Pipeline that Starts with Previously Segmented Media

vitrivr / vitrivr-engine

vitrivr's next-generation retrieval engine

MIT License

4 stars 2 forks source link

Pipeline that Starts with Previously Segmented Media #63

Open faberf opened 3 months ago

faberf commented 3 months ago

Consider the usecase where a large catalogue has already been segmented and some features have been extracted. Now, an additional feature needs to be extracted and connected to the existing segments. Currently, there is no practical way to do this (AFAIK) and the entire pipeline needs to be rerun.

I propose implementing an operator that retrieves segments that have been persisted, along with their source attributes. This operator would be the initial operator in the extraction pipeline for new features. I am not sure if retrieval at indexing time is meant to work with the existing querying system or if some problems will arise here. Also, in current pipeline configs the enumerators must come first, so work is needed here as well.

sauterl commented 3 months ago

This is an interesting question, which I think we should address. I see multiple use cases that could be tackled in one go:

As described originally, the addition of a new feature for all retrievables
Updating an existing feature on all or some retrievables
With more verbose extraction logging, a mechanism for recovering a partially successful extraction, e.g. resuming of an extraction on all fields, for some of the sources.

faberf commented 3 months ago

Another idea: Create a source which emits segments as retrievables that have been persisted in a previous run together with special content elements that describe which content elements are missing.

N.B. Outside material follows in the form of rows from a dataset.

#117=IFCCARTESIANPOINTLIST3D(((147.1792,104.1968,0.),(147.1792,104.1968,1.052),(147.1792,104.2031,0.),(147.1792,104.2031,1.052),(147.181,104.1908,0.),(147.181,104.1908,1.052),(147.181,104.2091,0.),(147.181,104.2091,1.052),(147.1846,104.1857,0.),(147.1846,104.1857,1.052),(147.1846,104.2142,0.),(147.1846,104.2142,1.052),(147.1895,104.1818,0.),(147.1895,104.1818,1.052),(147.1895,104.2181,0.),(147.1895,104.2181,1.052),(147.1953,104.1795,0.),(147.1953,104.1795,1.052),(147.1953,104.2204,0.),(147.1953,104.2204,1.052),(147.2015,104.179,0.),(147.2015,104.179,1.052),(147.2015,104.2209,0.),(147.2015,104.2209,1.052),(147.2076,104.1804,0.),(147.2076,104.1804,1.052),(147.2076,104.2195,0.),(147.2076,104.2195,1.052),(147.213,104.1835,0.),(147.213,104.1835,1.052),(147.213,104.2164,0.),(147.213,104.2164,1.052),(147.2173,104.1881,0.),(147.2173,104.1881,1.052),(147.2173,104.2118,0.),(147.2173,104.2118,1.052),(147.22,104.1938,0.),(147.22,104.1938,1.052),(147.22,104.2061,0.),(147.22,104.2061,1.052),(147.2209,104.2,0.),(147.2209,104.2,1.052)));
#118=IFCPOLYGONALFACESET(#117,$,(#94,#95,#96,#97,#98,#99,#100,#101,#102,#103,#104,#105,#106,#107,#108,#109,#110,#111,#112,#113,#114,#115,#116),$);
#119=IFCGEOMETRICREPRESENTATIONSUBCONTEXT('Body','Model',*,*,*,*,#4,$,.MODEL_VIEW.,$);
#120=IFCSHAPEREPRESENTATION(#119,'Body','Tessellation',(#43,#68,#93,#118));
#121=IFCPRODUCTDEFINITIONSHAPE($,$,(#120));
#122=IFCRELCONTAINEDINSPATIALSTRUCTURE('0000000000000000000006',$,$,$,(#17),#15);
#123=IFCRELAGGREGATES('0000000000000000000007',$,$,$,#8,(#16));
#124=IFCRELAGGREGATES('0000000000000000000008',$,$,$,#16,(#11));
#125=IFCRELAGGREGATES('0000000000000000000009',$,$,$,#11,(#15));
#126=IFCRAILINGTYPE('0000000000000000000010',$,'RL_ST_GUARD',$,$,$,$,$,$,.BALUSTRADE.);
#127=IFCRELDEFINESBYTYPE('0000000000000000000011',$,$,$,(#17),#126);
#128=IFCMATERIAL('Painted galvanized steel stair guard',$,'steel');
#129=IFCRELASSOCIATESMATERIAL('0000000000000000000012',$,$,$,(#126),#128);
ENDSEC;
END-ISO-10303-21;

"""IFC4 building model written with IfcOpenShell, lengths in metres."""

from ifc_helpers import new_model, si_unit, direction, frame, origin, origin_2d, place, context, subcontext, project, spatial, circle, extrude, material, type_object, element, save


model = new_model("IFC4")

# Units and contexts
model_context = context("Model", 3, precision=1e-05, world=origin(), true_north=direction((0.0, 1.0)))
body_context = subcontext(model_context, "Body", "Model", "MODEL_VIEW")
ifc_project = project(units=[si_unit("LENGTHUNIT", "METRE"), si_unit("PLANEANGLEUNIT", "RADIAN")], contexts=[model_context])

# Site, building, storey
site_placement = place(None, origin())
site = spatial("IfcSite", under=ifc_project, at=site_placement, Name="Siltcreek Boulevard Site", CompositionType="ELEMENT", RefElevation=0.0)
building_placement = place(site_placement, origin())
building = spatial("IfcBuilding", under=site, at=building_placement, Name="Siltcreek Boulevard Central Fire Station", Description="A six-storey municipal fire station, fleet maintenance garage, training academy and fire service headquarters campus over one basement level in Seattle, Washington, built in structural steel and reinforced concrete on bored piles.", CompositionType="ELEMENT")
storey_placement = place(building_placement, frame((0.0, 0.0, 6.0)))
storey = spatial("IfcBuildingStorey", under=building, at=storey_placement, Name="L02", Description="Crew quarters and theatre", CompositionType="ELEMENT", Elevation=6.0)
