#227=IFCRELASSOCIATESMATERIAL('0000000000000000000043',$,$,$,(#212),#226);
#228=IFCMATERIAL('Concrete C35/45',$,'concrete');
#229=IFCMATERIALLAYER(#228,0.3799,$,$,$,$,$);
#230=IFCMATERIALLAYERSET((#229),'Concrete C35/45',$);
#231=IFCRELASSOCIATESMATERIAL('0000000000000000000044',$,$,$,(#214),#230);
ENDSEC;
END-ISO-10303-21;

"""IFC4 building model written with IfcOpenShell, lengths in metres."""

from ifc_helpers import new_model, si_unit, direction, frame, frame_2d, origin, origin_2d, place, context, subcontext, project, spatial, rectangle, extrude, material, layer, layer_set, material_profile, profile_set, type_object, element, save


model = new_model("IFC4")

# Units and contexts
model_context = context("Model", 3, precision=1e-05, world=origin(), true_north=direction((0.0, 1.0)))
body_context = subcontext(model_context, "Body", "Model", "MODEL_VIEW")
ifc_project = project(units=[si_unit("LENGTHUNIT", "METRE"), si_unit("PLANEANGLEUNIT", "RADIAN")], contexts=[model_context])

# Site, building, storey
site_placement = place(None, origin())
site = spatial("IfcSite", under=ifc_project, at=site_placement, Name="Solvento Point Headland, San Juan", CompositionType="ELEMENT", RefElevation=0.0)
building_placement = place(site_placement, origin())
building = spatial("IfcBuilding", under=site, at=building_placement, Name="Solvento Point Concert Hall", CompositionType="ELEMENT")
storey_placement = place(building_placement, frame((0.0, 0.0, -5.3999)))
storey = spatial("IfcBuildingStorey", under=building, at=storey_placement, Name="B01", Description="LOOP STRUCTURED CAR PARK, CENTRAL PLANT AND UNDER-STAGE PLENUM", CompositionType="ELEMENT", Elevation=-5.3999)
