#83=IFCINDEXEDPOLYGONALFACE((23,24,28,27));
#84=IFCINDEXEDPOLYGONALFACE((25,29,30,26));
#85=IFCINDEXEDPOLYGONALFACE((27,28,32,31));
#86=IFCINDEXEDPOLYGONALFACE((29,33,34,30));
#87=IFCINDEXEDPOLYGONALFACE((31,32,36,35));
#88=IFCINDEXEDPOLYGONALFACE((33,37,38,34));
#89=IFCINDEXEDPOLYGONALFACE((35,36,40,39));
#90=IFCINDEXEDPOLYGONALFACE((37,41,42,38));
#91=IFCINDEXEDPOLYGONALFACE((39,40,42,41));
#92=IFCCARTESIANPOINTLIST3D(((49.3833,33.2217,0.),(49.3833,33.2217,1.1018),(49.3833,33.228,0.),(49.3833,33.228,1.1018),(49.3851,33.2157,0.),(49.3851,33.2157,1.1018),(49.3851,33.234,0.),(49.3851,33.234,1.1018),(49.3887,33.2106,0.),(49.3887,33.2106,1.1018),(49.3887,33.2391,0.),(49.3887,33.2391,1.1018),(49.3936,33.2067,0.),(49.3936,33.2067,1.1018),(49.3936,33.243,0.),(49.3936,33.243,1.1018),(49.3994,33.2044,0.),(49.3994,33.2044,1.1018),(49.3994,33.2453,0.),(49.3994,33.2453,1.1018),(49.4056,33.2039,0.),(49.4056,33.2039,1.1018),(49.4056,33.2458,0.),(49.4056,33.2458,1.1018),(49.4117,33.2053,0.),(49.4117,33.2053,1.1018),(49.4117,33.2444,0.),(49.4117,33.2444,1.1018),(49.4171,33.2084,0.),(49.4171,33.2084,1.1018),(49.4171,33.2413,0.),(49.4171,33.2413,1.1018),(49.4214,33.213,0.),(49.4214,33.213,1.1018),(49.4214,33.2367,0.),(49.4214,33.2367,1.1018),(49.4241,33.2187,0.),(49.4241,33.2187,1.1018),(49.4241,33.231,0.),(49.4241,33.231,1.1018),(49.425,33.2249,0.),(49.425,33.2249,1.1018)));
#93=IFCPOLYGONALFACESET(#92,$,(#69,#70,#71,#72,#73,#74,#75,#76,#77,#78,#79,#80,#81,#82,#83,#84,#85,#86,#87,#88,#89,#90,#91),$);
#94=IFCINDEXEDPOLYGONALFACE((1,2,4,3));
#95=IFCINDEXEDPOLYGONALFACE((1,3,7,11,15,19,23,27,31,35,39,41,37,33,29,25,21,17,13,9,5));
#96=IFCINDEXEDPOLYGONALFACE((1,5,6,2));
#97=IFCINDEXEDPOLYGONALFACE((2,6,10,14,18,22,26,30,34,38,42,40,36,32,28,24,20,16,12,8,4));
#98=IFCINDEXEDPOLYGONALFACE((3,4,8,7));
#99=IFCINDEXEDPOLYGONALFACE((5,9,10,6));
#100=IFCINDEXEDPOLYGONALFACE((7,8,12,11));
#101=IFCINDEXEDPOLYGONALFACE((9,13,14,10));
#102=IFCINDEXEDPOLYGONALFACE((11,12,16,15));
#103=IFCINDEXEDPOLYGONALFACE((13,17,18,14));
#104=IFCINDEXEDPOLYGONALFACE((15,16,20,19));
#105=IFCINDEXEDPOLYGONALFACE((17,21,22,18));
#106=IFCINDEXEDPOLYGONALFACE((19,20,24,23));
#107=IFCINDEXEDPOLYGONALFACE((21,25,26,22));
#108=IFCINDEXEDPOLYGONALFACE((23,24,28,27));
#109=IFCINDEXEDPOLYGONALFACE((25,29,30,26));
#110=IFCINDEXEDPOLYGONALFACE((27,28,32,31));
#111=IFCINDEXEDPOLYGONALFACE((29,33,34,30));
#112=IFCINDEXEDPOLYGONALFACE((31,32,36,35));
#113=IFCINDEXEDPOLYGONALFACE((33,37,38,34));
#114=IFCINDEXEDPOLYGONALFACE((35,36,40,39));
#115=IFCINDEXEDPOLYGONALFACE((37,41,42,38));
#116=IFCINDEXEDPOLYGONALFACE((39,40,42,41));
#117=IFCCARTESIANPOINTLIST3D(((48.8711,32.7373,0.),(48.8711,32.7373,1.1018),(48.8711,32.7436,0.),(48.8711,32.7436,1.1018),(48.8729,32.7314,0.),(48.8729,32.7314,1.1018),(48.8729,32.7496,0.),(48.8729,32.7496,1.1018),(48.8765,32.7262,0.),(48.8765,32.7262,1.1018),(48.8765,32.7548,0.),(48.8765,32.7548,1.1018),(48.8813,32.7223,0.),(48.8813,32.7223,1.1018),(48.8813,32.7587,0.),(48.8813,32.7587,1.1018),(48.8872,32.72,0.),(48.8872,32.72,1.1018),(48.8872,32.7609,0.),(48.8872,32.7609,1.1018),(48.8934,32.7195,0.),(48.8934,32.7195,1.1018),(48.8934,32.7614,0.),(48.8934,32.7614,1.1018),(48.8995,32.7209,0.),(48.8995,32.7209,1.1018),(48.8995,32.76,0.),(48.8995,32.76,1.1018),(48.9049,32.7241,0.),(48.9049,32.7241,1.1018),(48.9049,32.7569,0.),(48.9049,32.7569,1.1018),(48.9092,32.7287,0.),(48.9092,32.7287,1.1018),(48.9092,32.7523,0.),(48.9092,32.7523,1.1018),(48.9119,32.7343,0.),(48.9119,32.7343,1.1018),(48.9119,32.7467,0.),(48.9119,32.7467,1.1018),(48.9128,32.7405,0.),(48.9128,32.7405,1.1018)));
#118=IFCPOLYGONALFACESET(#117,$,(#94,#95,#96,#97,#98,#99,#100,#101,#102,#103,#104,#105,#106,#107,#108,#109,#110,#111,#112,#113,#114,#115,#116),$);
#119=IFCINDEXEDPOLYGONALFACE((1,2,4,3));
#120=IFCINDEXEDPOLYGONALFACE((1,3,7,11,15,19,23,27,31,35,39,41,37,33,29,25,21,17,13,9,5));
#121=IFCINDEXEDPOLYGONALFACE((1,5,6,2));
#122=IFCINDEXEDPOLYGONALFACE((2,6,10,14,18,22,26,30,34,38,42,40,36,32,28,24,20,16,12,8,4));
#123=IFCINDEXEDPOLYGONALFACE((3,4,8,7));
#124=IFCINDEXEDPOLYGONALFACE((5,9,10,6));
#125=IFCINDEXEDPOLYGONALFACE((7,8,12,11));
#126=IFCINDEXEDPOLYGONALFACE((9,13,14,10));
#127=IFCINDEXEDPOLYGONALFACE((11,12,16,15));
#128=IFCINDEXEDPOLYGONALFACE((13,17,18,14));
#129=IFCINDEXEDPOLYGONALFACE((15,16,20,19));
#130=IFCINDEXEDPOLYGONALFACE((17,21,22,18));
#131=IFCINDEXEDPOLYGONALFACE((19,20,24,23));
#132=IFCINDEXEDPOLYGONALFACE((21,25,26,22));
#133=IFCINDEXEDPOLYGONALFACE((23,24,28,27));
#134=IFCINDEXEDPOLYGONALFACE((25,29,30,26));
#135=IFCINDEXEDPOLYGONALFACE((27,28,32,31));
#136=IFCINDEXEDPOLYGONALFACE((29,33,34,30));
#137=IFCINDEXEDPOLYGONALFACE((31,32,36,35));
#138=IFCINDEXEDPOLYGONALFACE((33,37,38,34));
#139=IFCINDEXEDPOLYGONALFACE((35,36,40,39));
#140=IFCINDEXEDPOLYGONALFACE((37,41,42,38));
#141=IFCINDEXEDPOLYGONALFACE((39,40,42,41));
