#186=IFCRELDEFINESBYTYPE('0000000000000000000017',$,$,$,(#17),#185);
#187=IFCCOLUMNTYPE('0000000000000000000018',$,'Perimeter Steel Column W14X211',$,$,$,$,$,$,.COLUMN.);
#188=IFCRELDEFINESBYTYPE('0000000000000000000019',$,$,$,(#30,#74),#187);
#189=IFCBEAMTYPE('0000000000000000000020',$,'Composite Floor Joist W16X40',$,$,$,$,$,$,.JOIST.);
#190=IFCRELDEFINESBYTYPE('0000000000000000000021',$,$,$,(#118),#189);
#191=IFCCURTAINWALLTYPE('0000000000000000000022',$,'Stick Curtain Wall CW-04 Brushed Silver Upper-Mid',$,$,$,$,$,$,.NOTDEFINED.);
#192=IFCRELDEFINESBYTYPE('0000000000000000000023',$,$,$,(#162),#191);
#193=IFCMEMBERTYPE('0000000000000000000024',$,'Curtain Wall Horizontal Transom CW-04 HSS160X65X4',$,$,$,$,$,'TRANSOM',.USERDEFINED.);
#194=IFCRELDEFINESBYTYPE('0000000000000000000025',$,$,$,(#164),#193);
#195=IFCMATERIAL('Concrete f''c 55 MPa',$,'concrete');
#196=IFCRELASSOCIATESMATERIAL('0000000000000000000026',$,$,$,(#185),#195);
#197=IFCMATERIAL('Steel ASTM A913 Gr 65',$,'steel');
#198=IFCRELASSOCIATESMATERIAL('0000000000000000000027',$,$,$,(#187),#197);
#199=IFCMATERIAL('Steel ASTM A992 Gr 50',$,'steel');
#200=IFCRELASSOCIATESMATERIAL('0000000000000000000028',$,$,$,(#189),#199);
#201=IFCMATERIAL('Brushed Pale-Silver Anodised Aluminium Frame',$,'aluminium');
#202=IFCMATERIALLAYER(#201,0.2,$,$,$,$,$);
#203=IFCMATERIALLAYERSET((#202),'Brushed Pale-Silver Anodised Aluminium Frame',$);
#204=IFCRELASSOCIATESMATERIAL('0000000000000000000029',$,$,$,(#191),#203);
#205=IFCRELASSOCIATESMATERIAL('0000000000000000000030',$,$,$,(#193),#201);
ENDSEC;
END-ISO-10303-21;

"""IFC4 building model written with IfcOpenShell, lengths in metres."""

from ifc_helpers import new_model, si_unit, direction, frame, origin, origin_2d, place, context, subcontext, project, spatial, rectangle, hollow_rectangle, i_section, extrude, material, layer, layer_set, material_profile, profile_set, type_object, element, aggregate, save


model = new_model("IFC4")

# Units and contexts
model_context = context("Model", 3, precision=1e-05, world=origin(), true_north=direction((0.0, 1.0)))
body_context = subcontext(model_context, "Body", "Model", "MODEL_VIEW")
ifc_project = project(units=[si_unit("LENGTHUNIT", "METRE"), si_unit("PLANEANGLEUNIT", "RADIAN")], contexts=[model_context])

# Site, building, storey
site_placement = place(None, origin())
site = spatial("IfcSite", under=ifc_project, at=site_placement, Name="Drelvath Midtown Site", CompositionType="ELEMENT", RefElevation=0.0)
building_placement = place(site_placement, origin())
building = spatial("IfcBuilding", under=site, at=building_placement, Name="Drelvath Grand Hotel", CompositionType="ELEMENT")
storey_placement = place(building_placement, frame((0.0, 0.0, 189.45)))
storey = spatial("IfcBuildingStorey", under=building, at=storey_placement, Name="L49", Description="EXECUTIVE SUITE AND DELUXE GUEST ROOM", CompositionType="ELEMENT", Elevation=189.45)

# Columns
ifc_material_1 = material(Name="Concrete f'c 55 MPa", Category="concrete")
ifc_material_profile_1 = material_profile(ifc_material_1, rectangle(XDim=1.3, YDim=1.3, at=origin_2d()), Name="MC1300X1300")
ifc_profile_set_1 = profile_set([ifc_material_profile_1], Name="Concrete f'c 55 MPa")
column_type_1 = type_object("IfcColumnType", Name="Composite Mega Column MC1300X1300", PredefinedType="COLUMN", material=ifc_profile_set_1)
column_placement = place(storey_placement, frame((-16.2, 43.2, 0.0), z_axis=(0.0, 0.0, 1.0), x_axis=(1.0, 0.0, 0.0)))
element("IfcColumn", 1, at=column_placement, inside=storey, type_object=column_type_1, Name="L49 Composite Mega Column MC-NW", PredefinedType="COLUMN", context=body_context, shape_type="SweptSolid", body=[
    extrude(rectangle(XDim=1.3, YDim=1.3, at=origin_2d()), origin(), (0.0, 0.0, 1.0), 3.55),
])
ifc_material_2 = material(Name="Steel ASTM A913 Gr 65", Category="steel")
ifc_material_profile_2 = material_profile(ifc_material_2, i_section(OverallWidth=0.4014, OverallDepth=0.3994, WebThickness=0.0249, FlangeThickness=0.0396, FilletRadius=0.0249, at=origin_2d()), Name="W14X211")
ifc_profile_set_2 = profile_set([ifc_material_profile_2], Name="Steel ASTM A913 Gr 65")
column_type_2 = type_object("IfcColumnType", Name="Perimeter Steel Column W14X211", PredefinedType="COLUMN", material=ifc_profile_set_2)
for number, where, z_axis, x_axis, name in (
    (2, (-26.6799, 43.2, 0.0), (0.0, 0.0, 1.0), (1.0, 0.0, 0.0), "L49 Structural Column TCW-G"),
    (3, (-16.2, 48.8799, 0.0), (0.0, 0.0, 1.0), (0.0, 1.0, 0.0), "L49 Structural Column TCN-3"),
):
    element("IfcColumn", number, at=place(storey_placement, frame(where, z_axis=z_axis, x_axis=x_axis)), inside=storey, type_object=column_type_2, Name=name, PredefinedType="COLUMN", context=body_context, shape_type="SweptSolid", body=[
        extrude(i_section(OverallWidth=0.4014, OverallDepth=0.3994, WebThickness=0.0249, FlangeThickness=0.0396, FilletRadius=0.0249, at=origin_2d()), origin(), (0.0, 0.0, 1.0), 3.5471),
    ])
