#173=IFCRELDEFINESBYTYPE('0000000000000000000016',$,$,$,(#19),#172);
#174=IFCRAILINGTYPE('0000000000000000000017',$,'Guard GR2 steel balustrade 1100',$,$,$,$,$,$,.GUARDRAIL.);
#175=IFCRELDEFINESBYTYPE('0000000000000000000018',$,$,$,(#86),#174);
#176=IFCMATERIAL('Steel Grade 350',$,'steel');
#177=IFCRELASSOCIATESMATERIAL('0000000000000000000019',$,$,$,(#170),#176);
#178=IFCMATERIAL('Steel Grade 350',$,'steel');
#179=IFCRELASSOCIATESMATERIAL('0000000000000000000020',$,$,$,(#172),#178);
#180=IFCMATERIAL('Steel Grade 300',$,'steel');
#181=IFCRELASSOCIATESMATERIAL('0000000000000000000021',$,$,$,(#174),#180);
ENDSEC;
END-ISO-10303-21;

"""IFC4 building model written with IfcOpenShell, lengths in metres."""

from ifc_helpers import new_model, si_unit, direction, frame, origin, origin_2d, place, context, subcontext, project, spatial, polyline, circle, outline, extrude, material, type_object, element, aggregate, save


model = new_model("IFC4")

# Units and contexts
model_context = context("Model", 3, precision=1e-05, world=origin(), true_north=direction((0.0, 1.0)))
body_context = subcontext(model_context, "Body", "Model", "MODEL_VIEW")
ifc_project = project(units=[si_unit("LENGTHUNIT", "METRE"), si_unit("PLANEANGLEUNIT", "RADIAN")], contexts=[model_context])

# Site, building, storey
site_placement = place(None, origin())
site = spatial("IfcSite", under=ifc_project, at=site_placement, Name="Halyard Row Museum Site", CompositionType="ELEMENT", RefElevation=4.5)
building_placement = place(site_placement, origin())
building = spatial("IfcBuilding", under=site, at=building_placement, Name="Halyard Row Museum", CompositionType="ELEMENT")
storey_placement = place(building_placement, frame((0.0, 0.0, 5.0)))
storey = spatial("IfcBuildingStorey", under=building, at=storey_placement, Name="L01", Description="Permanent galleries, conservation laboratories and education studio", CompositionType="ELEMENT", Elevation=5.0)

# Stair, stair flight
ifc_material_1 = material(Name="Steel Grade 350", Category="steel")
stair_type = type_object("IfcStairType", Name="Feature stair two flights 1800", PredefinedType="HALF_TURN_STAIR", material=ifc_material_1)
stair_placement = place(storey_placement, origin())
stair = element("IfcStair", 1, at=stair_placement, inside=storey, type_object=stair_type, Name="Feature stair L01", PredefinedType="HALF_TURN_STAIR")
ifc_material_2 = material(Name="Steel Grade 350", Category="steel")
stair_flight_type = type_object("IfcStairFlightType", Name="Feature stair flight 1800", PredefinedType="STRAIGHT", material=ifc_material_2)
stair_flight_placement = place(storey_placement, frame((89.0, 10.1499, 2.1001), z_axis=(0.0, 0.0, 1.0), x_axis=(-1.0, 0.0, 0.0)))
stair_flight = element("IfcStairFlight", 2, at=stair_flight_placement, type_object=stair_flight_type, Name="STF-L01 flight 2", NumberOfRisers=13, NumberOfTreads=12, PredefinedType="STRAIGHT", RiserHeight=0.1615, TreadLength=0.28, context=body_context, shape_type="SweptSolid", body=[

Then, implement a special decoder which takes enumerated files and these retrieved retrievables (together with the gaps) and attemps to fill all the gaps.

faberf commented 1 month ago

I have an idea for solving this issue which also addresses the problem of restarting failed ingestions.

Include an option to configure the version of a pipeline config in the schema
in the backend, there is a one to many mapping from source metadata to versioned pipelines
the semantic is: Source S has been fully processed by pipeline P1 version V1 and pipeline P2 version V2 and so on
augment the enumerator to skip files that match a given metadata
augment the sink to properly tag the source as completed (relative to the given pipeline and version)
all the tagging, and checking logic should be reusable, to make it easy for new enumerators and sinks to be developed

@ppanopticon @lucaro What changes would you make to this concept?

EDIT: I just realized this actually does not address the issue, as everything would be resegmented upon version update.

lucaro commented 1 month ago

I guess there are fundamentally only two (types of) mechanisms needed: an enumerator that checks for every source if it is already known and emits the relevant retrievable with the already existing id without persisting it anew and a (or possibly multiple) segmenters that look up the existing segment boundaries for an existing retrievable and emit the same retrievables with the same ids and content again. Any versioning you might want to do of pipelines is, in my view, completely independent from these mechanisms.